そうなんだ。世の中にはこんな世界があったのね。未知の世界へのドアを開けた瞬間だった。そのドアは、世の中という壁の中ではちっぽけで、素通りしがちな目立たないドアだったが、いったんドアを開けると、そこには赤色の、奥が深くて、それでもちっとも怖くない、楽しい世界が広がっていた。
納車
今日はいよいよ納車の日。ミストラルとの記念写真を撮り、別れを告げた。故障もほとんどなく、燃費もよく、いろんなところに一緒に行ったっけ。冬山が多かったな。ありがとう。君は、ほとんど故障もなく、頼もしかったよ。
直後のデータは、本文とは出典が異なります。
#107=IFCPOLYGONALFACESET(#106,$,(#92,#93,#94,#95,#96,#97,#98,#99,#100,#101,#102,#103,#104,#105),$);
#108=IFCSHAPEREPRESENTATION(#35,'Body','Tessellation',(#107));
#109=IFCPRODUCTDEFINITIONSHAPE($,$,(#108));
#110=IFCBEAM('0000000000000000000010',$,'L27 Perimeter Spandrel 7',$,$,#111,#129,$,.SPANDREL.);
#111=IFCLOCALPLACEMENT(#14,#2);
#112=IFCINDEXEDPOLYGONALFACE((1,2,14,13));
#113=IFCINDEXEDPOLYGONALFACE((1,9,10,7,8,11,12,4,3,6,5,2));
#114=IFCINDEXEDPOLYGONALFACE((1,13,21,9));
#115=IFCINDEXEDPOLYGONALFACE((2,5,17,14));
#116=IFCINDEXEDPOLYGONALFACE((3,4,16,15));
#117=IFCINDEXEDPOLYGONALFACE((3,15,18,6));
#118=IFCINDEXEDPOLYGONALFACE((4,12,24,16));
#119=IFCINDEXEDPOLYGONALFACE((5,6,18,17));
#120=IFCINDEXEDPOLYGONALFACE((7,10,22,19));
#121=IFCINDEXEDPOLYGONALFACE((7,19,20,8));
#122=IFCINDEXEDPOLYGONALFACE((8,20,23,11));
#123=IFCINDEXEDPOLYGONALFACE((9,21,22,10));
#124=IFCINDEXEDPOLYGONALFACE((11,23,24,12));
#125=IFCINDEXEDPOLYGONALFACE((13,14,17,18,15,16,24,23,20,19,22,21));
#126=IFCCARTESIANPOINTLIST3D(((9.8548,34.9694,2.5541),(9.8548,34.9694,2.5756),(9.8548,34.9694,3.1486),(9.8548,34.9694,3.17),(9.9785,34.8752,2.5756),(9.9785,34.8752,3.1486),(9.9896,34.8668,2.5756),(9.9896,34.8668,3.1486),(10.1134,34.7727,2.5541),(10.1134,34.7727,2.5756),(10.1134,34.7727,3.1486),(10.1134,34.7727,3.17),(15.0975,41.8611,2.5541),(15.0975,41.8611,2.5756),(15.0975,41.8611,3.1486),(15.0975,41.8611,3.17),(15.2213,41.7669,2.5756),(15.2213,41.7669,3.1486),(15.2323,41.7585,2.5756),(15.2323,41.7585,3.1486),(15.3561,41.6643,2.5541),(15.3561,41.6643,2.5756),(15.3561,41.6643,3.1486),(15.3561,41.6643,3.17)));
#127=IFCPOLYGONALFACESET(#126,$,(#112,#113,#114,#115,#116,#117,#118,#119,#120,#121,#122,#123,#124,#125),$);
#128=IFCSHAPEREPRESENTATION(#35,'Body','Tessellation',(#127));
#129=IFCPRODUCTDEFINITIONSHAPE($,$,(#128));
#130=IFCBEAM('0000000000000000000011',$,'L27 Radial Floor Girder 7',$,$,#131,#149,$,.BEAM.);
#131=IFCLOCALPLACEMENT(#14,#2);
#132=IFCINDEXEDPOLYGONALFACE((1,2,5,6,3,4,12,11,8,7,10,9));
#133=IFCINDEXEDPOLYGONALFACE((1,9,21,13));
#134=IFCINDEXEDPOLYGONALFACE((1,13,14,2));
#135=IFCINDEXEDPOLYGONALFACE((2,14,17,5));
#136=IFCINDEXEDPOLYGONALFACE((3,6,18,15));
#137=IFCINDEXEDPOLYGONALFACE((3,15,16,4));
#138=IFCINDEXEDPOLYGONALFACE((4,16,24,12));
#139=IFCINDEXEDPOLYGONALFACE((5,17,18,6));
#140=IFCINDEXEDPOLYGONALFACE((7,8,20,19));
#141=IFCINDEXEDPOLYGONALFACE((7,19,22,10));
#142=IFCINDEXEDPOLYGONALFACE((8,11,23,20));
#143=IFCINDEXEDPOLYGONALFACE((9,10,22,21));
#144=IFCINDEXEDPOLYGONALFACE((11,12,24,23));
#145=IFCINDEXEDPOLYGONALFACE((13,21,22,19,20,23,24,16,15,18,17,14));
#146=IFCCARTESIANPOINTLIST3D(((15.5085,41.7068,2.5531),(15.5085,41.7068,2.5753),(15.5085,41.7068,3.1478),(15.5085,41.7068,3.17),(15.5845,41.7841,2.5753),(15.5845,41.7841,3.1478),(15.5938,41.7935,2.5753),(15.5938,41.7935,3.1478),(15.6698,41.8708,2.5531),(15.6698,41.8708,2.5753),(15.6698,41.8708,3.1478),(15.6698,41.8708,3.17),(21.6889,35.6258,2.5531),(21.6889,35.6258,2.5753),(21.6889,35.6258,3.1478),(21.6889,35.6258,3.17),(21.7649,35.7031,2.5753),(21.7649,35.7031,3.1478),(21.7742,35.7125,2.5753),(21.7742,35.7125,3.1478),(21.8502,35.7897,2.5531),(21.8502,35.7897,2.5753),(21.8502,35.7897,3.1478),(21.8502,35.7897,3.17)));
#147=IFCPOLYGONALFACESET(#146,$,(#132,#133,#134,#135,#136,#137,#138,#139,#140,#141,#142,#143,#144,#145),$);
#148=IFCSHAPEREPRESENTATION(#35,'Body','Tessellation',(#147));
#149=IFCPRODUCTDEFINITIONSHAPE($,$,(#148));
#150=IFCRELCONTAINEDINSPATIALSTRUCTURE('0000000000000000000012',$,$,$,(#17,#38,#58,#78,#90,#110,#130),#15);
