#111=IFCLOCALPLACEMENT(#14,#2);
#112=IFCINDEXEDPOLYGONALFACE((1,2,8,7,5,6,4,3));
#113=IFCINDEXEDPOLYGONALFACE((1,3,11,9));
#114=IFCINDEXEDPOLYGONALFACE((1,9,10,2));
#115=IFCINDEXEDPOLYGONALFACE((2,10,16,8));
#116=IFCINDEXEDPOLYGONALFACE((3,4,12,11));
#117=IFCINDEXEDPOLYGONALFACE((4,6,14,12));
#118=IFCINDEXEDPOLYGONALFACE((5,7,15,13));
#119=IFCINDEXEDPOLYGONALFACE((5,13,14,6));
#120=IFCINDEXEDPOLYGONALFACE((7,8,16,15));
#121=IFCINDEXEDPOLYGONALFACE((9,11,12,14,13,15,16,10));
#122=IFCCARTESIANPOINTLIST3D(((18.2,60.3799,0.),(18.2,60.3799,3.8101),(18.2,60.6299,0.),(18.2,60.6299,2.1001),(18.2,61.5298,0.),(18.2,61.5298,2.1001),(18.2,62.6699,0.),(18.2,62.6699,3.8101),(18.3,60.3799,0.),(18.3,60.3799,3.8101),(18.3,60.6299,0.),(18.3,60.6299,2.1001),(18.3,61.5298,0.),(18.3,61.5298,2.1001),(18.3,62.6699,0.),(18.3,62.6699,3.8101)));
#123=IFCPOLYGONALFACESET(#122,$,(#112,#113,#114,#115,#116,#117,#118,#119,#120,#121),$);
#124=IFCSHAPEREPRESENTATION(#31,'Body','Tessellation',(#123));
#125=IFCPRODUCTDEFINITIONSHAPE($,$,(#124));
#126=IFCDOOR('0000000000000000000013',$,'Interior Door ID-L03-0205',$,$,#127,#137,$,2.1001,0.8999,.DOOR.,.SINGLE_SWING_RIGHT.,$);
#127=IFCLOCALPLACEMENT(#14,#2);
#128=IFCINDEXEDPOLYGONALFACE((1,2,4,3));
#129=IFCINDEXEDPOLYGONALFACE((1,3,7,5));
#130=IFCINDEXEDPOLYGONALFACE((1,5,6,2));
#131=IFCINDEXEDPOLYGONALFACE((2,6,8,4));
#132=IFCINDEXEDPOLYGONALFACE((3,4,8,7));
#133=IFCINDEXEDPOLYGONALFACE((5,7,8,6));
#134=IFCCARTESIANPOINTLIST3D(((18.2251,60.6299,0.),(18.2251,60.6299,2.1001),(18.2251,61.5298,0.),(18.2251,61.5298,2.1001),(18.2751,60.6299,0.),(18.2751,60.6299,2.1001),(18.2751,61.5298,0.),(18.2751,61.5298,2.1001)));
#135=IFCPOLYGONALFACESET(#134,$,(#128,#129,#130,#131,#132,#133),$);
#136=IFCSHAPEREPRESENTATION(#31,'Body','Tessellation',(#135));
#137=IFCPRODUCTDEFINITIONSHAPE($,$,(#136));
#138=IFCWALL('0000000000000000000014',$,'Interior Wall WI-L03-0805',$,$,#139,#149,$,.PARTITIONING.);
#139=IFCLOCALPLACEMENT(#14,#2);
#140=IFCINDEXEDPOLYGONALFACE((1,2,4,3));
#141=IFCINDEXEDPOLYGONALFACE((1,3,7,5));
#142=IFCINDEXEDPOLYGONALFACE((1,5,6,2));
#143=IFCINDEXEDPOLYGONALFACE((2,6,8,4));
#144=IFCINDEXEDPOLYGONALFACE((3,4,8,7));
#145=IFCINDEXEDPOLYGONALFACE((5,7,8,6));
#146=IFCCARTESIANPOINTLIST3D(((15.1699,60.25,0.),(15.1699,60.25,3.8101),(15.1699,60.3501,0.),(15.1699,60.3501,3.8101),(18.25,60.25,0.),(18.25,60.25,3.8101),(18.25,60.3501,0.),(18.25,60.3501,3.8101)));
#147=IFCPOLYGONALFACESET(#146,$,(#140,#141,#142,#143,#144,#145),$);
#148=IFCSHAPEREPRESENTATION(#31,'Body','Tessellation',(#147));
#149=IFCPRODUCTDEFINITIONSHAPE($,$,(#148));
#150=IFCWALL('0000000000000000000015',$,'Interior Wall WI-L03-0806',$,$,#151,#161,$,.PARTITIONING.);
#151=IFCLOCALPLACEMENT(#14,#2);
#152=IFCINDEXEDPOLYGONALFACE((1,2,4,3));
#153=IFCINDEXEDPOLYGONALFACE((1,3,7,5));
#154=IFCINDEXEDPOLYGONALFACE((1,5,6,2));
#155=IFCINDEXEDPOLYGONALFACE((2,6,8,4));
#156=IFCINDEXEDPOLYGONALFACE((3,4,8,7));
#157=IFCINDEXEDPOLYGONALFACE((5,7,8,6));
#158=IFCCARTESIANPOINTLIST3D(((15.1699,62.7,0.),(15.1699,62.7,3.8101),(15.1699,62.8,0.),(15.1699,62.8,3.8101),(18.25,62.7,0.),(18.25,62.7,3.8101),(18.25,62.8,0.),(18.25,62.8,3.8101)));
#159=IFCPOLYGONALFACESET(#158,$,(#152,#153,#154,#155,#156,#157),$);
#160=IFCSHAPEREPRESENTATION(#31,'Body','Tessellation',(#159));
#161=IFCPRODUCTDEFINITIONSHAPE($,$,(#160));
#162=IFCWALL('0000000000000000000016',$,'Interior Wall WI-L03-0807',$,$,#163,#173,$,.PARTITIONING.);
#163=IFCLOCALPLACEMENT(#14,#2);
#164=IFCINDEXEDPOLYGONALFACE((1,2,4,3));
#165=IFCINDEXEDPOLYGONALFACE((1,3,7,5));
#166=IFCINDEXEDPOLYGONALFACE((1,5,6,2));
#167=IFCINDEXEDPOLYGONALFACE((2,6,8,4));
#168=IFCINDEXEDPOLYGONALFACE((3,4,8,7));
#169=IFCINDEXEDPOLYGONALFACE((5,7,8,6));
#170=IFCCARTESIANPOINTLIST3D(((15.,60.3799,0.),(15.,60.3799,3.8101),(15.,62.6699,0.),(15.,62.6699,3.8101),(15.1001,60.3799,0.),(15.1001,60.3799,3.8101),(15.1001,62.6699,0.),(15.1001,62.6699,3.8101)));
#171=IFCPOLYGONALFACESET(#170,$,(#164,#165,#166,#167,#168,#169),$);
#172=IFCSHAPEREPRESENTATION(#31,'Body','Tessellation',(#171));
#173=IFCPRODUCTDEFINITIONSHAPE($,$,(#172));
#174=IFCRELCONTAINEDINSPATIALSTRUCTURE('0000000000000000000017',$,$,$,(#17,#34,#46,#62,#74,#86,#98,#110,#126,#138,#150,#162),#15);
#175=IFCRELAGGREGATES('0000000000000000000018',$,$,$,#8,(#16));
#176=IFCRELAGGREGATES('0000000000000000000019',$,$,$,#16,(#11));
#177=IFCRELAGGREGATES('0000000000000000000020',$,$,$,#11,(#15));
そして、ディーラーに到着した。僕の車が店先に飾ってあった。車に駆け寄って僕が真っ先に見たのはタイヤだった。インターネットの情報収集で、GTのタイヤには、ブリヂストン、グッドイヤー、ピレリの3種類があり、ランダムに装着されていてチョイスすることができないと聞いていたからだった。「最初に見る場所違いますよ。」ディーラーの方に苦笑されながら、グッド・イヤーであることを確認した。
愛車との日常
僕が愛車に乗れるのは、週末に限られる。その週末が来るのが、2年半たった今でも楽しみで仕方がない。車庫に行く度に、未だにそのカッコよさに見とれてしまうし、そんなカッコいい車のオーナーであることに誇りを感じている。
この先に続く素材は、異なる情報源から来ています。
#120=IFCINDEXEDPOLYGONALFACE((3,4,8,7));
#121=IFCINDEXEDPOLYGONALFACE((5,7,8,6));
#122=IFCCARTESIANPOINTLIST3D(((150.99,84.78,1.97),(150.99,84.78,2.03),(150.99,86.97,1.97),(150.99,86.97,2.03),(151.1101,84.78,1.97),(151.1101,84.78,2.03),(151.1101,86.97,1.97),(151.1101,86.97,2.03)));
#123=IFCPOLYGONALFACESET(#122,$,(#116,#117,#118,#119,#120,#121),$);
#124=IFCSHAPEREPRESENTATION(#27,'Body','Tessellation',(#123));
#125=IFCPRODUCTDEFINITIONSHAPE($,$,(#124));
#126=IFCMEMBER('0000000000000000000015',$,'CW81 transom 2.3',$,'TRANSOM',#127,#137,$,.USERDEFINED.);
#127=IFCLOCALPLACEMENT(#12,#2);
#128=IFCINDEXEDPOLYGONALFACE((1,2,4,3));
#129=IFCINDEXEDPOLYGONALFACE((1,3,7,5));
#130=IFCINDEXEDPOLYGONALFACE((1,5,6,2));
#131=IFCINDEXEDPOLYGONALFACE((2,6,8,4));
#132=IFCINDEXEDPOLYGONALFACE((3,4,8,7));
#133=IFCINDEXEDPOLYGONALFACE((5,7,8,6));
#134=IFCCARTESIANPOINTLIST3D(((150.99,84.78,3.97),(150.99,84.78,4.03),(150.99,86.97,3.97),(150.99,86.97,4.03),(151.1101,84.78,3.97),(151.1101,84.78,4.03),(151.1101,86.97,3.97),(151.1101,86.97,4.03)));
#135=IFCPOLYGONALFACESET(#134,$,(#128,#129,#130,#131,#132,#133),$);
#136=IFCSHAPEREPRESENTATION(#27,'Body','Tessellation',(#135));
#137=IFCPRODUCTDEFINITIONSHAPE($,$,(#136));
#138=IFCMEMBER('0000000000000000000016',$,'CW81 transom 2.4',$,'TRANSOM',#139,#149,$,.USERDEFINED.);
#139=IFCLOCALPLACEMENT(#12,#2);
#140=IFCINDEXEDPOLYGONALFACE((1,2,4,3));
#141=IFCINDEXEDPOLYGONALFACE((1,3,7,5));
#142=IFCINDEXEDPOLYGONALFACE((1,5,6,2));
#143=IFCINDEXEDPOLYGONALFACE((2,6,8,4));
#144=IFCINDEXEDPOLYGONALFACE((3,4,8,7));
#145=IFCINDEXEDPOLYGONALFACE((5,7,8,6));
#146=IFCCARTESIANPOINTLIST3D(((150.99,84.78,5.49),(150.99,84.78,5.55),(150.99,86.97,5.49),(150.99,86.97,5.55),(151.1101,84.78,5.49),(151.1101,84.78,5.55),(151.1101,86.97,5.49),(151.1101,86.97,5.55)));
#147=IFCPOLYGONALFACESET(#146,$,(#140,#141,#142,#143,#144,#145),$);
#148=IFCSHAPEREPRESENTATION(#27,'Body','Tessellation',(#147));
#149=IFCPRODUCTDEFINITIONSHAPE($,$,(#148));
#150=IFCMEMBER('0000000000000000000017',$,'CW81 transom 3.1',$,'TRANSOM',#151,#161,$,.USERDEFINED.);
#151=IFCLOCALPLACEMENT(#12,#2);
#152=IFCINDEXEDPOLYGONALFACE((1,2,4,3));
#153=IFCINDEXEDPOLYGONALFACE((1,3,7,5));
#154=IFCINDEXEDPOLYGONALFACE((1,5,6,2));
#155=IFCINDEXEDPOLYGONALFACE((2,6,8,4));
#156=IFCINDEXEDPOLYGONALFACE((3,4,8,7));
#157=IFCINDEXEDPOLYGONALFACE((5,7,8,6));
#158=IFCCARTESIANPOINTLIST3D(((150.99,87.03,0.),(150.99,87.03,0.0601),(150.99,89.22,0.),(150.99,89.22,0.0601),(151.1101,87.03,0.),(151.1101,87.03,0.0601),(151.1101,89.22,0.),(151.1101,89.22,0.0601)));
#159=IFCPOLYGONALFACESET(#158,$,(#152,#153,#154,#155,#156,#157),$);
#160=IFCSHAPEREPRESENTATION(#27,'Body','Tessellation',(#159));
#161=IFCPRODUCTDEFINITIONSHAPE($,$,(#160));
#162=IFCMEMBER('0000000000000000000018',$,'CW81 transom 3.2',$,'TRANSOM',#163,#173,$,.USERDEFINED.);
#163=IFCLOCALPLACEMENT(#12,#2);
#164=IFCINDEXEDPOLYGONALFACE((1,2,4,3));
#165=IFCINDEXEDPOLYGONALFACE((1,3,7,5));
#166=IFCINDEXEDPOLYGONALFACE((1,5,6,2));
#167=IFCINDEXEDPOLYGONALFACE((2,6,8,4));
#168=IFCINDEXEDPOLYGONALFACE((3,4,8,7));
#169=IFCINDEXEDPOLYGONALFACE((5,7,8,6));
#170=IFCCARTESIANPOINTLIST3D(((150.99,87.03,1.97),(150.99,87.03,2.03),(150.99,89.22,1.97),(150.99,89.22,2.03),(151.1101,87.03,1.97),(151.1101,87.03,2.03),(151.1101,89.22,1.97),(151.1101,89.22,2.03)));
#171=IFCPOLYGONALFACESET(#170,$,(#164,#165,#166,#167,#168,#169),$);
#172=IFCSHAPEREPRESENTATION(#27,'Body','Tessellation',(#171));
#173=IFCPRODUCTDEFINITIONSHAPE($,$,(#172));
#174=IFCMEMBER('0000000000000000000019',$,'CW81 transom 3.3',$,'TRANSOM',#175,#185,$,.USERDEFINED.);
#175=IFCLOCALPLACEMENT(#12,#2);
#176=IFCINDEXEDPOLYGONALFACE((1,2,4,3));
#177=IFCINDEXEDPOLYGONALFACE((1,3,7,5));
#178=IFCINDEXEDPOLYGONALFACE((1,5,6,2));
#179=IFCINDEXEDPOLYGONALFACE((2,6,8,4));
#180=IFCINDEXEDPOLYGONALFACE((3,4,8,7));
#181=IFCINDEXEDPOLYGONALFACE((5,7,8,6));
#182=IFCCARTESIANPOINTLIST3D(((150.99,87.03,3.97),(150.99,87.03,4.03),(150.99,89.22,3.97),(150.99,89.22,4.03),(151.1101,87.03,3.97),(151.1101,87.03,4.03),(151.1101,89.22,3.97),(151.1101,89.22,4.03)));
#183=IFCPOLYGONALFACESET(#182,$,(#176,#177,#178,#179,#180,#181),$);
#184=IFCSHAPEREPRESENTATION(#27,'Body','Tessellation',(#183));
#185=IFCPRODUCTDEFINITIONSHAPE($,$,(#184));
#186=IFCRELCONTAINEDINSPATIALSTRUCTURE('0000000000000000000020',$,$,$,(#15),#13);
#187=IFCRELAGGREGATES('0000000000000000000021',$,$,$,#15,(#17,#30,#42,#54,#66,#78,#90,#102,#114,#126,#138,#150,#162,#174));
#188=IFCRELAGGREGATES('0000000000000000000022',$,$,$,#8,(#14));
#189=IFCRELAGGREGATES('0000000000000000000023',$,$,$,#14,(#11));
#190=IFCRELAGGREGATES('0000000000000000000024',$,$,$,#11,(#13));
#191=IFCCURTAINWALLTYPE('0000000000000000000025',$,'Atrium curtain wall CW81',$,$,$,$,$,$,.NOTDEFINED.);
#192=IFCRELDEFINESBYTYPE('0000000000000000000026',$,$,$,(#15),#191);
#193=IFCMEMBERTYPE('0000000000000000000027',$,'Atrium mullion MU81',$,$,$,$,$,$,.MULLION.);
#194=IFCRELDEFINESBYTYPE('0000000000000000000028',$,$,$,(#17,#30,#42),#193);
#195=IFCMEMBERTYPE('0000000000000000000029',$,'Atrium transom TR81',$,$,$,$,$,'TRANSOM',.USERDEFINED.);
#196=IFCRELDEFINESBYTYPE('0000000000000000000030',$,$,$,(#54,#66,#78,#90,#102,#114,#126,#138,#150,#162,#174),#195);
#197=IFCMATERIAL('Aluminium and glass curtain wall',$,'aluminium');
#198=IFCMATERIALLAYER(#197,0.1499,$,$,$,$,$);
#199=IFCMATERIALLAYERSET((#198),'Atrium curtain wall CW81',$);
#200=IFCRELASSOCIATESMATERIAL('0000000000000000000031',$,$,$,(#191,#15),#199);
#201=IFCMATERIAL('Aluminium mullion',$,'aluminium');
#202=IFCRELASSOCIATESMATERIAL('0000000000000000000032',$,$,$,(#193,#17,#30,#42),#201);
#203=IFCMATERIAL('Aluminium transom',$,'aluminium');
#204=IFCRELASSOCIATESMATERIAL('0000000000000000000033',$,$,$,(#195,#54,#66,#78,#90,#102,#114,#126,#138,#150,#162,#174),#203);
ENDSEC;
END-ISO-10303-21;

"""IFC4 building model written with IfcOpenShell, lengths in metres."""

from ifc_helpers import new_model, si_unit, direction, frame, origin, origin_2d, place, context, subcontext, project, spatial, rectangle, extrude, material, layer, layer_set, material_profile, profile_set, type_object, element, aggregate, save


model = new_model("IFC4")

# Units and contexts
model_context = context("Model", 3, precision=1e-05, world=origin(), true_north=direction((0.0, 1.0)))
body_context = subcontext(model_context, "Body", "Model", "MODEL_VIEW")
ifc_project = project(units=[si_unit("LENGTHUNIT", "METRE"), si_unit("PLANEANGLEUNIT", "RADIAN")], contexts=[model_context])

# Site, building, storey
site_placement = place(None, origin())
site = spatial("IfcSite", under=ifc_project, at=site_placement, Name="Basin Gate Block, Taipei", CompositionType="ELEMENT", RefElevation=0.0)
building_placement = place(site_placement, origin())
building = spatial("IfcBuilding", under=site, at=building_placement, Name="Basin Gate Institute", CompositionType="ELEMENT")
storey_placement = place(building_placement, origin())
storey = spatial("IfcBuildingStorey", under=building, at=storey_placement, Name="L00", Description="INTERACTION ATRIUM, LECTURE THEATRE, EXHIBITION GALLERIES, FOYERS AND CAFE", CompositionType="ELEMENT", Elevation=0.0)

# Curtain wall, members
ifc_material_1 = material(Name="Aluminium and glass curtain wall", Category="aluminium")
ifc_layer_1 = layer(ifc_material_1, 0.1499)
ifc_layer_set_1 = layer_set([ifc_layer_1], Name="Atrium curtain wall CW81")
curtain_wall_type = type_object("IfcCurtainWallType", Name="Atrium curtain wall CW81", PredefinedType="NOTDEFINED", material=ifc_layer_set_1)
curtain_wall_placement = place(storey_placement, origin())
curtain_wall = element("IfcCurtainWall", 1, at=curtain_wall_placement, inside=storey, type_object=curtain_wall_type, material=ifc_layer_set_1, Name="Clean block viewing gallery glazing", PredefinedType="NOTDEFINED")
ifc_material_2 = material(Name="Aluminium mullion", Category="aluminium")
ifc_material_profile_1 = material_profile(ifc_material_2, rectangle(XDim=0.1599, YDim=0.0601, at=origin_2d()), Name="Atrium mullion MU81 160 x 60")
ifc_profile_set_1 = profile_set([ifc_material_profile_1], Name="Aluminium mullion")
走りや音を楽しんで、「運転することの楽しみ」を乗るたびに感じているが、それでいて、実用性を兼ね備えていることに感心する。
ホッケー道具はますます大きくなったが、後部座席を倒したステーションワゴン並みの積載量は、余裕で益々巨大化した道具を飲み込んでしまう。後部座席を片方だけ倒して、ゴルフバッグを3つ積んで、3人でゴルフに出かけることもある。1週間の長い休みが取れた時は、大型スーツケースを2つ積んで、成田空港近くの駐車場まで車で行き、そこに車を置いて海外旅行に出かける。
そんな週末なので、週末に電車に乗ることはほとんどない。
それより何より、「荷物が載らなきゃ車じゃない」と思っていただけの僕が、今ではサーキットを走っているのだった。
雑誌「アルファ&ロメオ」の記事に「おやじレーサーズ募集!」という見出しを見つけ、興味深く読んだ。それからの成り行きは、TEZZO
RACERS CLUBのホームページに掲載された僕のサーキット走行初体験記に詳しく書いた
http://www.tezzo.jp/tezzo-racers-club-page-report-3.htm
ので、ここでは説明を省く。ただ、こんな偶然のアルファ・ロメオとの出会いがなかったら、太田さんに会うことも、僕がサーキットを走ることもなかっただろうと思うので、つくづく、運命って面白いなぁ、と感じる。僕にアルファ・ロメオを試乗させてくれたN氏に深い感謝の気持ちで一杯だ。
さて、その後のN氏。奥様との交渉結果は聞きそびれたが、N氏が選んだ車は、GTではなかった。それどころか、N氏はなんと、アウディTTを買ってしまったのである。
N氏は、また、満面の笑顔で、ディーラーに来たお客さんに、「アルファ・ロメオっていいですよ〜!」って言っておきながら、お客さんから「ところでNさんは何に乗っているのですか。」と尋ねられると、悪びれもせず、「アウディTTです。」と平然と言ってのけては、どうやってか、お客さんをアルファ・ロメオのとりこにしている不思議な人なのである。